How Xinghua Port Holdings Ltd (HKG:1990) Delivered A Better ROE Than Its Industry

With an ROE of 10.50%, Xinghua Port Holdings Ltd (SEHK:1990) outpaced its own industry which delivered a less exciting 10.11% over the past year. While the impressive ratio tells us that 1990 has made significant profits from little equity capital, ROE doesn’t tell us if 1990 has borrowed debt to make this happen. Today, we’ll take a closer look at some factors like financial leverage to see how sustainable 1990’s ROE is. View our latest analysis for Xinghua Port Holdings

Peeling the layers of ROE – trisecting a company’s profitability

Return on Equity (ROE) is a measure of Xinghua Port Holdings’s profit relative to its shareholders’ equity. It essentially shows how much the company can generate in earnings given the amount of equity it has raised. While a higher ROE is preferred in most cases, there are several other factors we should consider before drawing any conclusions.

Return on Equity = Net Profit ÷ Shareholders Equity

Returns are usually compared to costs to measure the efficiency of capital. Xinghua Port Holdings’s cost of equity is 10.78%. This means Xinghua Port Holdings’s returns actually do not cover its own cost of equity, with a discrepancy of -0.28%. This isn’t sustainable as it implies, very simply, that the company pays more for its capital than what it generates in return. ROE can be dissected into three distinct ratios: net profit margin, asset turnover, and financial leverage. This is called the Dupont Formula:

Dupont Formula

ROE = profit margin × asset turnover × financial leverage

ROE = (annual net profit ÷ sales) × (sales ÷ assets) × (assets ÷ shareholders’ equity)
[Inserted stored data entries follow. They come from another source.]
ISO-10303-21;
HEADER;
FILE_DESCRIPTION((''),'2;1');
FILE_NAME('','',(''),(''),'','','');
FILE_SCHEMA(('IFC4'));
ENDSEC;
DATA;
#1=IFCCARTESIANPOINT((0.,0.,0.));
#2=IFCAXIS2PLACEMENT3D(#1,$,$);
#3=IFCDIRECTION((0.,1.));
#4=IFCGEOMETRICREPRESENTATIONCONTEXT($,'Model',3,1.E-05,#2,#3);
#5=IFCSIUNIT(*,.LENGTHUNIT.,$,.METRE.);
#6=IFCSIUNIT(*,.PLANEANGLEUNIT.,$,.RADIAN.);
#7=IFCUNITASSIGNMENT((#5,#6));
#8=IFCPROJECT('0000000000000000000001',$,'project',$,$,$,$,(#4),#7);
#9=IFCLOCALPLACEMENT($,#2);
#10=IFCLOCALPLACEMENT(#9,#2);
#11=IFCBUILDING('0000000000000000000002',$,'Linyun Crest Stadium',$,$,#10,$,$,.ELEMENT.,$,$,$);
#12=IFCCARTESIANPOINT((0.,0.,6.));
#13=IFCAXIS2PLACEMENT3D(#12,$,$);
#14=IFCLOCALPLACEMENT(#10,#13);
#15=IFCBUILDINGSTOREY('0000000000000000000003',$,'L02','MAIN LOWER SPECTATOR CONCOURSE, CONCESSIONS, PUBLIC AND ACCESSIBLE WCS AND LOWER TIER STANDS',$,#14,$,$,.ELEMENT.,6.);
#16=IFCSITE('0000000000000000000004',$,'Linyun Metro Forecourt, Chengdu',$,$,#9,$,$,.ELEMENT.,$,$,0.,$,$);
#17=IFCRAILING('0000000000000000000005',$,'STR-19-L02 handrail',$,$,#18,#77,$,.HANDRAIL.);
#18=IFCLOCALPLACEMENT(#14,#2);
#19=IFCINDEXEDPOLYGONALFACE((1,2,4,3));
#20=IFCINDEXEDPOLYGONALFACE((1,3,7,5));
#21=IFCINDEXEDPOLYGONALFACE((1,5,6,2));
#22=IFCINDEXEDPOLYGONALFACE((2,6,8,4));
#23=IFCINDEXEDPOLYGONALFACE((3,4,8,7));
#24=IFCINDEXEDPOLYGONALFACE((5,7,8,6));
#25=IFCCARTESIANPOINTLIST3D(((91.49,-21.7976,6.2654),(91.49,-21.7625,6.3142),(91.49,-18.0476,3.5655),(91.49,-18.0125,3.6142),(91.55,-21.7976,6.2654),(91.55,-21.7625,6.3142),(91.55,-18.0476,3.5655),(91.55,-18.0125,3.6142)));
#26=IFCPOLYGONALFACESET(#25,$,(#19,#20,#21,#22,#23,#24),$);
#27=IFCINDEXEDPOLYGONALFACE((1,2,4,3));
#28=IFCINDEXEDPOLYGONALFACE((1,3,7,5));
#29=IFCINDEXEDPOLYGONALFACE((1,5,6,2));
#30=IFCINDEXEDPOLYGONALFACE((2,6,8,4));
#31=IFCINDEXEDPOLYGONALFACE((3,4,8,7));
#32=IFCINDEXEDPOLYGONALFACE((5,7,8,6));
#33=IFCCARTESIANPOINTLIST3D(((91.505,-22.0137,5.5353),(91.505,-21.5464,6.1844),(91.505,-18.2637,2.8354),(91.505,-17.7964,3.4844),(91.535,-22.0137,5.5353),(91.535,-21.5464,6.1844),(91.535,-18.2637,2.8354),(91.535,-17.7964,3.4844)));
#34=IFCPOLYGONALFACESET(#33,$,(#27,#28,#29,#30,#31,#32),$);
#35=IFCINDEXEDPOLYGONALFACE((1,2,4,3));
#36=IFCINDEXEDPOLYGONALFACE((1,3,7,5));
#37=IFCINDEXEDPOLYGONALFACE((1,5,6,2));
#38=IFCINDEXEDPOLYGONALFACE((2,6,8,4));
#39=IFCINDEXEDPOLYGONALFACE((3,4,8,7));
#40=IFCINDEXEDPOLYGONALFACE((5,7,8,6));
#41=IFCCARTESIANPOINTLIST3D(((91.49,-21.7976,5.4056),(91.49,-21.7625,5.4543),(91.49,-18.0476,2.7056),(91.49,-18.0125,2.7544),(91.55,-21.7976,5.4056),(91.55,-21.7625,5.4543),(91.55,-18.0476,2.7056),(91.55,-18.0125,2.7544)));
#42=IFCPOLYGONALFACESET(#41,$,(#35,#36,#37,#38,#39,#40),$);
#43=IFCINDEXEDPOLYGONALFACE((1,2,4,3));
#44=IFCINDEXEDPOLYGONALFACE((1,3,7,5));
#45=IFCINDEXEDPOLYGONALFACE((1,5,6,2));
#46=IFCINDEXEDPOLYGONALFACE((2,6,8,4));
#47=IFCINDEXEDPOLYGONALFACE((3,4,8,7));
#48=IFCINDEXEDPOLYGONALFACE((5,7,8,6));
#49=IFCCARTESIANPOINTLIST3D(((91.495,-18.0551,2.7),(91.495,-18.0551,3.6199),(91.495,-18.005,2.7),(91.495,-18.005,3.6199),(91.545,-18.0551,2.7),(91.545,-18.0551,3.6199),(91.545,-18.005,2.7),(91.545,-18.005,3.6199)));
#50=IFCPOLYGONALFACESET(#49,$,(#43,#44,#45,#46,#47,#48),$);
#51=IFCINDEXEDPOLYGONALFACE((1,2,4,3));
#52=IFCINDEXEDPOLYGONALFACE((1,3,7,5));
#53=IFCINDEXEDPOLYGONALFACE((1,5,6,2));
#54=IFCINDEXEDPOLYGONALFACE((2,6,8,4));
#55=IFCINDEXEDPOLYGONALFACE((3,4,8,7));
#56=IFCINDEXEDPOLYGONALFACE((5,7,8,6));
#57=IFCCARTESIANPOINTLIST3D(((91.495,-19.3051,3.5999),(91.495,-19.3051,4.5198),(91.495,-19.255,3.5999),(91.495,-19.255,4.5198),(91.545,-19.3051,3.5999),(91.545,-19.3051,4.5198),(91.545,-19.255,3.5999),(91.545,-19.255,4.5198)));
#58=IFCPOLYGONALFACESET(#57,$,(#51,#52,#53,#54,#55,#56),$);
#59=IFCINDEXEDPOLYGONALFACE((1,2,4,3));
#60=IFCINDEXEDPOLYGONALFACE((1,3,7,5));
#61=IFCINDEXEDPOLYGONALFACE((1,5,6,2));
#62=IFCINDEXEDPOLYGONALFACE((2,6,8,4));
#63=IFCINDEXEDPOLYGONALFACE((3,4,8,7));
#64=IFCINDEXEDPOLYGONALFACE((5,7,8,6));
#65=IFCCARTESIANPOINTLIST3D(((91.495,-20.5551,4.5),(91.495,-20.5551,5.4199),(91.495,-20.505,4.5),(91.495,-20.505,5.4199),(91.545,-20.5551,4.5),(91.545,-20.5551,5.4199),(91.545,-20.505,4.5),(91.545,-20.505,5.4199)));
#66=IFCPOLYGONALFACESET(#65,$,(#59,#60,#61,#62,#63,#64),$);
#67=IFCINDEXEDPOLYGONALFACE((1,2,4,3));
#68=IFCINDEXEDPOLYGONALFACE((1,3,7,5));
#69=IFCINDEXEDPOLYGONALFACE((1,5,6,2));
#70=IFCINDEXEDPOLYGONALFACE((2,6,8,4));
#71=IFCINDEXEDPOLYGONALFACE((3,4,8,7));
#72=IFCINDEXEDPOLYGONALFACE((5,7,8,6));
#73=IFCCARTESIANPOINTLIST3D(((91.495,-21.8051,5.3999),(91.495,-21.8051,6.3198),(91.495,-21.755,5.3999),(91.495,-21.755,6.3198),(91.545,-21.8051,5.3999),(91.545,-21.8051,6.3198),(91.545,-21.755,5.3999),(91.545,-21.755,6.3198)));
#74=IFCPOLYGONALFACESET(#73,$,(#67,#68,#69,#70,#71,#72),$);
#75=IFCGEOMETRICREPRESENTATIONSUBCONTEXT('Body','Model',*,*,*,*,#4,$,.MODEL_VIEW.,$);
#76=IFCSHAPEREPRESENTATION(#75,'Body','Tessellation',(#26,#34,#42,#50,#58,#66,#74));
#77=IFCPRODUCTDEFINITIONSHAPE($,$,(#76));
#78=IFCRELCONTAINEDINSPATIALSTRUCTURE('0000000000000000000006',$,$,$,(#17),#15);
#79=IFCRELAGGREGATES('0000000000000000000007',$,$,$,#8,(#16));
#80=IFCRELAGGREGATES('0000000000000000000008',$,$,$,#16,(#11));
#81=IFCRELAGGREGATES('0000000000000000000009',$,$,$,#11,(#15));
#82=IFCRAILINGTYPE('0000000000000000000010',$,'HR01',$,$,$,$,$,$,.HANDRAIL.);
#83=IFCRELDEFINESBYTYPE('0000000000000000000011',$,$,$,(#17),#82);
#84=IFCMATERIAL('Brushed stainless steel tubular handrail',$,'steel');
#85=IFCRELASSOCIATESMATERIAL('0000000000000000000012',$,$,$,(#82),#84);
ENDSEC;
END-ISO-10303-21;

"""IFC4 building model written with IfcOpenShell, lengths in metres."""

from ifc_helpers import new_model, si_unit, direction, frame, origin, origin_2d, place, context, subcontext, project, spatial, rectangle, extrude, material, type_object, element, save


model = new_model("IFC4")

# Units and contexts
model_context = context("Model", 3, precision=1e-05, world=origin(), true_north=direction((0.0, 1.0)))
body_context = subcontext(model_context, "Body", "Model", "MODEL_VIEW")
ifc_project = project(units=[si_unit("LENGTHUNIT", "METRE"), si_unit("PLANEANGLEUNIT", "RADIAN")], contexts=[model_context])

# Site, building, storey
site_placement = place(None, origin())
site = spatial("IfcSite", under=ifc_project, at=site_placement, Name="Linyun Metro Forecourt, Chengdu", CompositionType="ELEMENT", RefElevation=0.0)
building_placement = place(site_placement, origin())
building = spatial("IfcBuilding", under=site, at=building_placement, Name="Linyun Crest Stadium", CompositionType="ELEMENT")
storey_placement = place(building_placement, frame((0.0, 0.0, 6.0)))
storey = spatial("IfcBuildingStorey", under=building, at=storey_placement, Name="L02", Description="MAIN LOWER SPECTATOR CONCOURSE, CONCESSIONS, PUBLIC AND ACCESSIBLE WCS AND LOWER TIER STANDS", CompositionType="ELEMENT", Elevation=6.0)

# Railing
ifc_material_1 = material(Name="Brushed stainless steel tubular handrail", Category="steel")
railing_type_1 = type_object("IfcRailingType", Name="HR01", PredefinedType="HANDRAIL", material=ifc_material_1)
railing_1_placement = place(storey_placement, frame((91.52, -18.03, 2.7)))
element("IfcRailing", 1, at=railing_1_placement, inside=storey, type_object=railing_type_1, Name="STR-19-L02 handrail", PredefinedType="HANDRAIL", context=body_context, shape_type="SweptSolid", body=[
    extrude(rectangle(XDim=0.0601, YDim=0.0601, at=origin_2d()), frame((0.0, 0.0, 0.8899), z_axis=(0.0, -0.811539, 0.584298), x_axis=(1.0, 0.0, 0.0)), (0.0, 0.0, 1.0), 4.6208),
    extrude(rectangle(XDim=0.03, YDim=0.7998, at=origin_2d()), frame((0.0, 0.0, 0.46), z_axis=(0.0, -0.811539, 0.584298), x_axis=(1.0, 0.0, 0.0)), (0.0, 0.0, 1.0), 4.6208),
    extrude(rectangle(XDim=0.0601, YDim=0.0601, at=origin_2d()), frame((0.0, 0.0, 0.03), z_axis=(0.0, -0.811539, 0.584298), x_axis=(1.0, 0.0, 0.0)), (0.0, 0.0, 1.0), 4.6208),
    extrude(rectangle(XDim=0.05, YDim=0.05, at=origin_2d()), origin(), (0.0, 0.0, 1.0), 0.9199),
    extrude(rectangle(XDim=0.05, YDim=0.05, at=origin_2d()), frame((0.0, -1.25, 0.8999)), (0.0, 0.0, 1.0), 0.9199),
    extrude(rectangle(XDim=0.05, YDim=0.05, at=origin_2d()), frame((0.0, -2.5, 1.8)), (0.0, 0.0, 1.0), 0.9199),
    extrude(rectangle(XDim=0.05, YDim=0.05, at=origin_2d()), frame((0.0, -3.75, 2.7)), (0.0, 0.0, 1.0), 0.9199),
])

save(model, "model.ifc")
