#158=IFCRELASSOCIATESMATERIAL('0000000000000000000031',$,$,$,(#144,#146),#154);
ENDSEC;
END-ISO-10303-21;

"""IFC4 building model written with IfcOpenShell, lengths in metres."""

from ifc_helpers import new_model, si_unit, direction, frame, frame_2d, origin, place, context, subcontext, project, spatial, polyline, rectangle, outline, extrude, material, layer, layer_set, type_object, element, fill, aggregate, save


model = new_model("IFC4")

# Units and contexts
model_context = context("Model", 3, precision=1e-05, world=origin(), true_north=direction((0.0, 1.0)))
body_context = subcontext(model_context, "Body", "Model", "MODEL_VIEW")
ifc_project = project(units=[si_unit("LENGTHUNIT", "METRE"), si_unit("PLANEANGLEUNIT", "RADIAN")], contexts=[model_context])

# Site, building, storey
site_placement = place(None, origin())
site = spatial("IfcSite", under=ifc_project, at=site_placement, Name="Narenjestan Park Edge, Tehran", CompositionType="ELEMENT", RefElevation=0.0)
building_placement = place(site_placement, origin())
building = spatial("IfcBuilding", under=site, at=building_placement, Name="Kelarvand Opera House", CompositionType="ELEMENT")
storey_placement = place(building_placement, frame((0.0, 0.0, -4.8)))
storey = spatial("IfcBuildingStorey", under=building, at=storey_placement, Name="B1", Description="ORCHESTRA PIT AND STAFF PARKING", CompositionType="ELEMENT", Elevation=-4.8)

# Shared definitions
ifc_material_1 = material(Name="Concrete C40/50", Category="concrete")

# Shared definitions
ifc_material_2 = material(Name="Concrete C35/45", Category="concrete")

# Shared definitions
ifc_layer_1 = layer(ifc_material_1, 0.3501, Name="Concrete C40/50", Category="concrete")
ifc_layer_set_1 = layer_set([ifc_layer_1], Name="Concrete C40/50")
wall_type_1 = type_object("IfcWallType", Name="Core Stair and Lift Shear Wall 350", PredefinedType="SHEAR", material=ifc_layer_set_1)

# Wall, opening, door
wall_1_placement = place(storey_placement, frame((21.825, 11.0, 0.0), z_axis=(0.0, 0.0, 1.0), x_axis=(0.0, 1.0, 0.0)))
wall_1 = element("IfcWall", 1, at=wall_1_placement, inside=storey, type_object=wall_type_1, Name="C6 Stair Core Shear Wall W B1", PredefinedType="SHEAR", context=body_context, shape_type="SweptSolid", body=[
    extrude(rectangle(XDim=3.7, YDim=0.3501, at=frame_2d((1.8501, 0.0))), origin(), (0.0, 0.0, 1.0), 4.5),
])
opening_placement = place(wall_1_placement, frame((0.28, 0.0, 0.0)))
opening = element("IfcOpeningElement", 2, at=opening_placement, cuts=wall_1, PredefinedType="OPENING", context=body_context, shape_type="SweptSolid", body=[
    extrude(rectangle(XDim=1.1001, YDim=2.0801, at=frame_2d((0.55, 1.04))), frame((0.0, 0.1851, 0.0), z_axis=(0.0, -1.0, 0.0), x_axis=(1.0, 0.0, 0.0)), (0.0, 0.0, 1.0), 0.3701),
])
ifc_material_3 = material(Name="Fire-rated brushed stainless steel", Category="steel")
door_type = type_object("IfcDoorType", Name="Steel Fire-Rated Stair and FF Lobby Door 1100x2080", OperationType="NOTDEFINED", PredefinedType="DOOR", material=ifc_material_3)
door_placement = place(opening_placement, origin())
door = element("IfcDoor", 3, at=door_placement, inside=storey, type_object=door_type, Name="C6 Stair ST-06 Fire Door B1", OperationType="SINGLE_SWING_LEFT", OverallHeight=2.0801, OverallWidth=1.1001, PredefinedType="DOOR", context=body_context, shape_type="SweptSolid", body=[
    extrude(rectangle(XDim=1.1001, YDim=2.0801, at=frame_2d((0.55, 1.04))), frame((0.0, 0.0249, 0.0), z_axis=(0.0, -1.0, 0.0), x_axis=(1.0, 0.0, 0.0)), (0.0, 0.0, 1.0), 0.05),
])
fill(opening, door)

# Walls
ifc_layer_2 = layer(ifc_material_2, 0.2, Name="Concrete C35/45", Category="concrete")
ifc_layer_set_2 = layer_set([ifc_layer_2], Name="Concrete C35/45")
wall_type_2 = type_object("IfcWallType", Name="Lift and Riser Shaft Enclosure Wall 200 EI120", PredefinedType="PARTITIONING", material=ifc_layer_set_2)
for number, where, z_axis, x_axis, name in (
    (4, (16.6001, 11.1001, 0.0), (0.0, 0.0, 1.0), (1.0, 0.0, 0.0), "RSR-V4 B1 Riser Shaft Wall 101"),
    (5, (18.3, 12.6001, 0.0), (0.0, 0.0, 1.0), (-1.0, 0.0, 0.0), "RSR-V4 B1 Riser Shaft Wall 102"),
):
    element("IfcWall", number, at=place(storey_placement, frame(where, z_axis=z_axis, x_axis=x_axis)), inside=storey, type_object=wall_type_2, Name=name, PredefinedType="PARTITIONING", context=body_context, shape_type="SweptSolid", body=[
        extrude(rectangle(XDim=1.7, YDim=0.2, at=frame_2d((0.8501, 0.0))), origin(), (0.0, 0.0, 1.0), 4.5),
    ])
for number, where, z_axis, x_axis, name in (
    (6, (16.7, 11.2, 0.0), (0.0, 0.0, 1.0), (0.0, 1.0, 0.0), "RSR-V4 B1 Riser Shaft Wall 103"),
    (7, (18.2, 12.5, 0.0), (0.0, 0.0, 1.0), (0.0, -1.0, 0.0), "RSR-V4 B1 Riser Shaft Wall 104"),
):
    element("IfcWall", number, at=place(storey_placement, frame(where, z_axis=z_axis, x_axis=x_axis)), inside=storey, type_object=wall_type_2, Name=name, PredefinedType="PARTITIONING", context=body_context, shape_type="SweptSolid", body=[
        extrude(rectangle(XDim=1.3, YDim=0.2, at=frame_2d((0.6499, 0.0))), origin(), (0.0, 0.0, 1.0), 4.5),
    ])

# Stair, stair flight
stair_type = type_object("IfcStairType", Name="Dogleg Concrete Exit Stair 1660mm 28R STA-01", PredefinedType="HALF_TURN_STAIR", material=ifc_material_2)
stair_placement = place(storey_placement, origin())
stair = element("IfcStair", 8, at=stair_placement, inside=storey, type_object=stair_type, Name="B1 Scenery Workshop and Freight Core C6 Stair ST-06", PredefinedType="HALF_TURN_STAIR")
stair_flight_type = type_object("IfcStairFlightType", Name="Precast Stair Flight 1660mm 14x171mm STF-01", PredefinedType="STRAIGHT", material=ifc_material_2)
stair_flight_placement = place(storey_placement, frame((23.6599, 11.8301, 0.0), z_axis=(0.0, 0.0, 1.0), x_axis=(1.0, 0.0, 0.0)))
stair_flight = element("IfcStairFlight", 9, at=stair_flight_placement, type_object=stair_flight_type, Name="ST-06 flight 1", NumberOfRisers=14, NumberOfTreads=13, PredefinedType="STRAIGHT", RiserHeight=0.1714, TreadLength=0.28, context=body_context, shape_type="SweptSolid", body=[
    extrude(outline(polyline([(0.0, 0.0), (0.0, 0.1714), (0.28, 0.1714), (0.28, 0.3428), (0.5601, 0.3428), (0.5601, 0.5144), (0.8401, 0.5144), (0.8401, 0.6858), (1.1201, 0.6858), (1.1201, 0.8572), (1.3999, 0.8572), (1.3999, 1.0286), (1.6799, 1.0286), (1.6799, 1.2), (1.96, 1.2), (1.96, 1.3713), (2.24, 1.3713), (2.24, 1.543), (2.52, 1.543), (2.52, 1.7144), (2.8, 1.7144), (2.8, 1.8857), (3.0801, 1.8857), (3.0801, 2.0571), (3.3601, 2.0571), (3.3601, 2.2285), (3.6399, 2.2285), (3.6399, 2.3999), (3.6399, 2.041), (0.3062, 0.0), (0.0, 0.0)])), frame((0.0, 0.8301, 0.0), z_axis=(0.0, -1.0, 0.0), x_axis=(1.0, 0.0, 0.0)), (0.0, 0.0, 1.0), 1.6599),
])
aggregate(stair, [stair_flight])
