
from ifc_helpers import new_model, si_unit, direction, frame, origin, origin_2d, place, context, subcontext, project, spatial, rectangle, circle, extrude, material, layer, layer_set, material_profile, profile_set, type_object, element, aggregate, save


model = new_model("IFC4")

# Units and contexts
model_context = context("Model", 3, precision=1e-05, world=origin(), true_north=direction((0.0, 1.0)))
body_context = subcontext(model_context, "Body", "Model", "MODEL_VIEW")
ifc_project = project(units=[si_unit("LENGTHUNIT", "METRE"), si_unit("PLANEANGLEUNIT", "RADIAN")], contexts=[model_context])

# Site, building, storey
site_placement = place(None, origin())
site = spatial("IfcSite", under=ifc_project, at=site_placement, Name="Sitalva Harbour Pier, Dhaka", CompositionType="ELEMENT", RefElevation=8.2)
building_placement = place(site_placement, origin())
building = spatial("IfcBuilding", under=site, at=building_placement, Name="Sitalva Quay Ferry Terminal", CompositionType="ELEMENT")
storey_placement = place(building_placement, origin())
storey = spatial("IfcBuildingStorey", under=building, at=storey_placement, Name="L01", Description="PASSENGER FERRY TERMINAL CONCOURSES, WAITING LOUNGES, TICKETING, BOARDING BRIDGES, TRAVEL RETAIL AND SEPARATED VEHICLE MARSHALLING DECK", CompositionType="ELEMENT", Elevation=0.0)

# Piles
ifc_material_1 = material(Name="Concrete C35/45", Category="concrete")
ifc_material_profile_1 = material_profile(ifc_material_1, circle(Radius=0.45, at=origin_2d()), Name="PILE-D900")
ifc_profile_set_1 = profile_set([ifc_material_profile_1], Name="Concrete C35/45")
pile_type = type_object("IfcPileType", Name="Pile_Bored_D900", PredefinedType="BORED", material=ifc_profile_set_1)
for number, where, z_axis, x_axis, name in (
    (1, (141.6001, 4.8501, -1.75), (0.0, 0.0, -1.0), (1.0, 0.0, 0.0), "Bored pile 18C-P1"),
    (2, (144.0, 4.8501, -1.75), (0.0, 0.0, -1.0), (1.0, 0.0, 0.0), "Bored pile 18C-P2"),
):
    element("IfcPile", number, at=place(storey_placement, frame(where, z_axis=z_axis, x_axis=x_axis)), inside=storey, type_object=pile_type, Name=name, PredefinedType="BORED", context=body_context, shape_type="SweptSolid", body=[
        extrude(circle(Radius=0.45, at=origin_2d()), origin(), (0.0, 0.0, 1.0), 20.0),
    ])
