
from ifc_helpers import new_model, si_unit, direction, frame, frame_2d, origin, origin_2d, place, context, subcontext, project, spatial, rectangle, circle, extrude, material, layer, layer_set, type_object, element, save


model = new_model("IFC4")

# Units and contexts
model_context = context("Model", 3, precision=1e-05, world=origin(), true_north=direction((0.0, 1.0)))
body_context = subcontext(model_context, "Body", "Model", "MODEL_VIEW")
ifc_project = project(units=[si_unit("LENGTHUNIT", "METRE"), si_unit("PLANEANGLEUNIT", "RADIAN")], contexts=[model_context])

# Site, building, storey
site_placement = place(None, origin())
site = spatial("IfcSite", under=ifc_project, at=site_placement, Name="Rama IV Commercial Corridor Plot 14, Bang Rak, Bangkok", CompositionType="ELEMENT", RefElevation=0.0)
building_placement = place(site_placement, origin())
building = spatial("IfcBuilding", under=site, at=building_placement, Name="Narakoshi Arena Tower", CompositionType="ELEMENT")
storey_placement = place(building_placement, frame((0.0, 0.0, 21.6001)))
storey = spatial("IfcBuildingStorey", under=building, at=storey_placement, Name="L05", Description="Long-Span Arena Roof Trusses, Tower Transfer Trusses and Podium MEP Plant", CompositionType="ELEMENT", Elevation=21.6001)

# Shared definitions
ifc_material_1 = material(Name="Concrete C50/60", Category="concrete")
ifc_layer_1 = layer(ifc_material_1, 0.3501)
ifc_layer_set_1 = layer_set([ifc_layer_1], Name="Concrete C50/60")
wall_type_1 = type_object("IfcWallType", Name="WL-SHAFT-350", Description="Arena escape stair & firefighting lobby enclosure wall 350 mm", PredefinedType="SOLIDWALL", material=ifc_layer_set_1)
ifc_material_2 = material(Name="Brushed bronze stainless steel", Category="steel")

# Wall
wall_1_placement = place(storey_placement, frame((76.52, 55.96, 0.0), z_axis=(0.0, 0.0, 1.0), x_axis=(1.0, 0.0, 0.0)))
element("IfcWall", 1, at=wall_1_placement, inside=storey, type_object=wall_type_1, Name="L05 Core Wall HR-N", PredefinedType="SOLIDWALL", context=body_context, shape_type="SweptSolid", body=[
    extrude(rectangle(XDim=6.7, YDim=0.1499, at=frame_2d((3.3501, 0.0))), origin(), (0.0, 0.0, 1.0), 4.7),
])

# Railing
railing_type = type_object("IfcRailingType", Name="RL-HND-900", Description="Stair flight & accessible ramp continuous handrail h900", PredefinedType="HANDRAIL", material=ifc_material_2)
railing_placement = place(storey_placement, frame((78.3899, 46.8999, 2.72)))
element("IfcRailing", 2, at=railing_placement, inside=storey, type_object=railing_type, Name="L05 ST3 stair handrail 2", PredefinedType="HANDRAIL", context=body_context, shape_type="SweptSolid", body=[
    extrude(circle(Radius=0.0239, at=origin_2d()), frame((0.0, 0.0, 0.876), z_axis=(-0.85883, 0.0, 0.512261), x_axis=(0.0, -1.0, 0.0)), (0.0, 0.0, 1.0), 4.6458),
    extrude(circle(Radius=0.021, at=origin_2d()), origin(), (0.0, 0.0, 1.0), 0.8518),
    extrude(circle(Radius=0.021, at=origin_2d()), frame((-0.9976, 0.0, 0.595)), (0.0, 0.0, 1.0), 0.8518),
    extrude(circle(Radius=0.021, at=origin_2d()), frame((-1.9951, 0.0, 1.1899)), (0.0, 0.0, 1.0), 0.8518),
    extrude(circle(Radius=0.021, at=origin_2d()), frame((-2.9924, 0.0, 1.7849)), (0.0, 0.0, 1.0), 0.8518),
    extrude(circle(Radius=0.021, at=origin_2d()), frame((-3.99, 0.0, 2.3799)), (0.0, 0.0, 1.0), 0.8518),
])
ROE = annual net profit ÷ shareholders’ equity

SEHK:1990 Last Perf Jun 8th 18
SEHK:1990 Last Perf Jun 8th 18

Basically, profit margin measures how much of revenue trickles down into earnings which illustrates how efficient the business is with its cost management. The other component, asset turnover, illustrates how much revenue Xinghua Port Holdings can make from its asset base. And finally, financial leverage is simply how much of assets are funded by equity, which exhibits how sustainable the company’s capital structure is. Since ROE can be artificially increased through excessive borrowing, we should check Xinghua Port Holdings’s historic debt-to-equity ratio. At 75.37%, Xinghua Port Holdings’s debt-to-equity ratio appears sensible and indicates the above-average ROE is generated from its capacity to increase profit without a large debt burden.

SEHK:1990 Historical Debt Jun 8th 18
SEHK:1990 Historical Debt Jun 8th 18

Next Steps:

While ROE is a relatively simple calculation, it can be broken down into different ratios, each telling a different story about the strengths and weaknesses of a company. Xinghua Port Holdings’s above-industry ROE is noteworthy, but it was not high enough to cover its own cost of equity. ROE is not likely to be inflated by excessive debt funding, giving shareholders more conviction in the sustainability of industry-beating returns. Although ROE can be a useful metric, it is only a small part of diligent research.